What makes a food product “organic?” Organic foods must meet certain standards established by the U.S. Department of Agriculture, such as being produced without the use of hormones, herbicides, pesticides, antibiotics or fertilizers created with sewer waste or ingredients that aren’t natural. This alone makes organic foods healthier for you; they have not been contaminated with potentially harmful chemicals during the processing of that item. However, while the USDA certifies organic foods, they don’t claim that these products are safer or more nutritious.
Animal products that are labeled as organic must come from animals that are only feed organic feed, without antibiotics or growth hormones. These animals must also be able to freely roam around outdoors, rather than be constantly stuck in cages or pens.
One thing you may have noticed about organic foods is that they tend to cost more than conventionally grown foods. The main reason for the higher prices is that regular food products that are not considered to be organic, are subsidized by the government, making them less expensive to produce and bring to market. If the government subsidized organically grown foods, very likely the price would be about the same as conventionally grown food.
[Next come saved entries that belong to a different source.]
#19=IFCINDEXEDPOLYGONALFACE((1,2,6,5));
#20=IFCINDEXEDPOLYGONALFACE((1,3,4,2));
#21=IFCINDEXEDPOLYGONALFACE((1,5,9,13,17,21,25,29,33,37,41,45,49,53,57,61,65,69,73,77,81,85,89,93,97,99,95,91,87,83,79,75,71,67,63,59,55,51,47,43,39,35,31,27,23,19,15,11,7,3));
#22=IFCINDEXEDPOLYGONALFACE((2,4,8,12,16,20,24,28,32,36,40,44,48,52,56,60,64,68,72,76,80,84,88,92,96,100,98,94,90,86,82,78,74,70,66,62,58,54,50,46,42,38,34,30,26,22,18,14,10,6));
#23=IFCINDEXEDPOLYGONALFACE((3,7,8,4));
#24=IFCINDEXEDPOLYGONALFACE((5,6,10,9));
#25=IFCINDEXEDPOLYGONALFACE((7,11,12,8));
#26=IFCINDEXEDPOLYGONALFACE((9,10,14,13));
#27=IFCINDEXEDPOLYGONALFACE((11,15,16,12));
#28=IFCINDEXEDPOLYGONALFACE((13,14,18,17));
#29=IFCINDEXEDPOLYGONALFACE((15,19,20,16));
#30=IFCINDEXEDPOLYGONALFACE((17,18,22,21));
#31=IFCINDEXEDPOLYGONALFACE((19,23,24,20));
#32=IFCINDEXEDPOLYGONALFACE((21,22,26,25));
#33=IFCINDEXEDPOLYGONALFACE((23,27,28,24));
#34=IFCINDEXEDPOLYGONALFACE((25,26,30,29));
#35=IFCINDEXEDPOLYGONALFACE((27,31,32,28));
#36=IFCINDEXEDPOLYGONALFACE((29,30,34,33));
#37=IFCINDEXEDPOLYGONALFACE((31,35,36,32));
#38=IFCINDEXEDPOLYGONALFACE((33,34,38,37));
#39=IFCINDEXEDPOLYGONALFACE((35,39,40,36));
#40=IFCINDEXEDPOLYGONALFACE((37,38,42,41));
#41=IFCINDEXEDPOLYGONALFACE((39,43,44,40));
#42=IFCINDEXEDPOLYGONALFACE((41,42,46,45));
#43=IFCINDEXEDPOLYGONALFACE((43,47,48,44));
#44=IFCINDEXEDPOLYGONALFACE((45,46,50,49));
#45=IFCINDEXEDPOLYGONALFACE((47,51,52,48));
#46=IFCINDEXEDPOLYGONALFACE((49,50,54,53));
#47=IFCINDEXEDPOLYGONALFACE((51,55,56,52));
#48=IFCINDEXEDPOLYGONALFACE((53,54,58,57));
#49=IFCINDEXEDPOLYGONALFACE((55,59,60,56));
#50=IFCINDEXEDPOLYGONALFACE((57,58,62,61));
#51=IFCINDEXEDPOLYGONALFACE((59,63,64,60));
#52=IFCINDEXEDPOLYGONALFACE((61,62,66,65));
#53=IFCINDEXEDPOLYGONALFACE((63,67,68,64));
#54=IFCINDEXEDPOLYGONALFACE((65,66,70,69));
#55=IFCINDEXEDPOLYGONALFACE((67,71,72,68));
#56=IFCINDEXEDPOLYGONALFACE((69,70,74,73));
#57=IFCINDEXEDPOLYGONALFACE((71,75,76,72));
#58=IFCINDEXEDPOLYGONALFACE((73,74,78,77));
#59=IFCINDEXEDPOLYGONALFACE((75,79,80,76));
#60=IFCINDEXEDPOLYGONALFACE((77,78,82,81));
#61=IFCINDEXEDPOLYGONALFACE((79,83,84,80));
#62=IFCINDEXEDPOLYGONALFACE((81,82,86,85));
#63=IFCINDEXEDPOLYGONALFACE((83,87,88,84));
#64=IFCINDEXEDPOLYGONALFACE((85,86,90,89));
In addition to not being subsidized, without all the commercial pesticides, farmers run a greater risk of losing part, or even all, of their crop. Then there’s the matter of not being able to use every acre to grow “cash crops” that bring the highest prices. Organic farmers use crop rotation to keep their soil healthy. So instead of planting crops on every acre every year, they rotate fields and plant “cover crops” that are plowed to improve the soil’s nutrients for the long term.
Organic Food Labeling
Some food products are labeled “100% Organic,” and some are just labeled as being “organic” (meaning they’re at least 95% organic). Food products that are “made with organic ingredients” contain at least 70 percent organic ingredients. The organic seal can’t be used on packages that read “made with organic ingredients.”
You may see other terms on food labels, such as “all-natural,” “free-range” (you’ll see this on egg cartons) or “hormone-free.” Don’t confuse terms like “all natural” with the term “organic.” Only those foods that are grown and processed according to USDA organic standards can be labeled organic.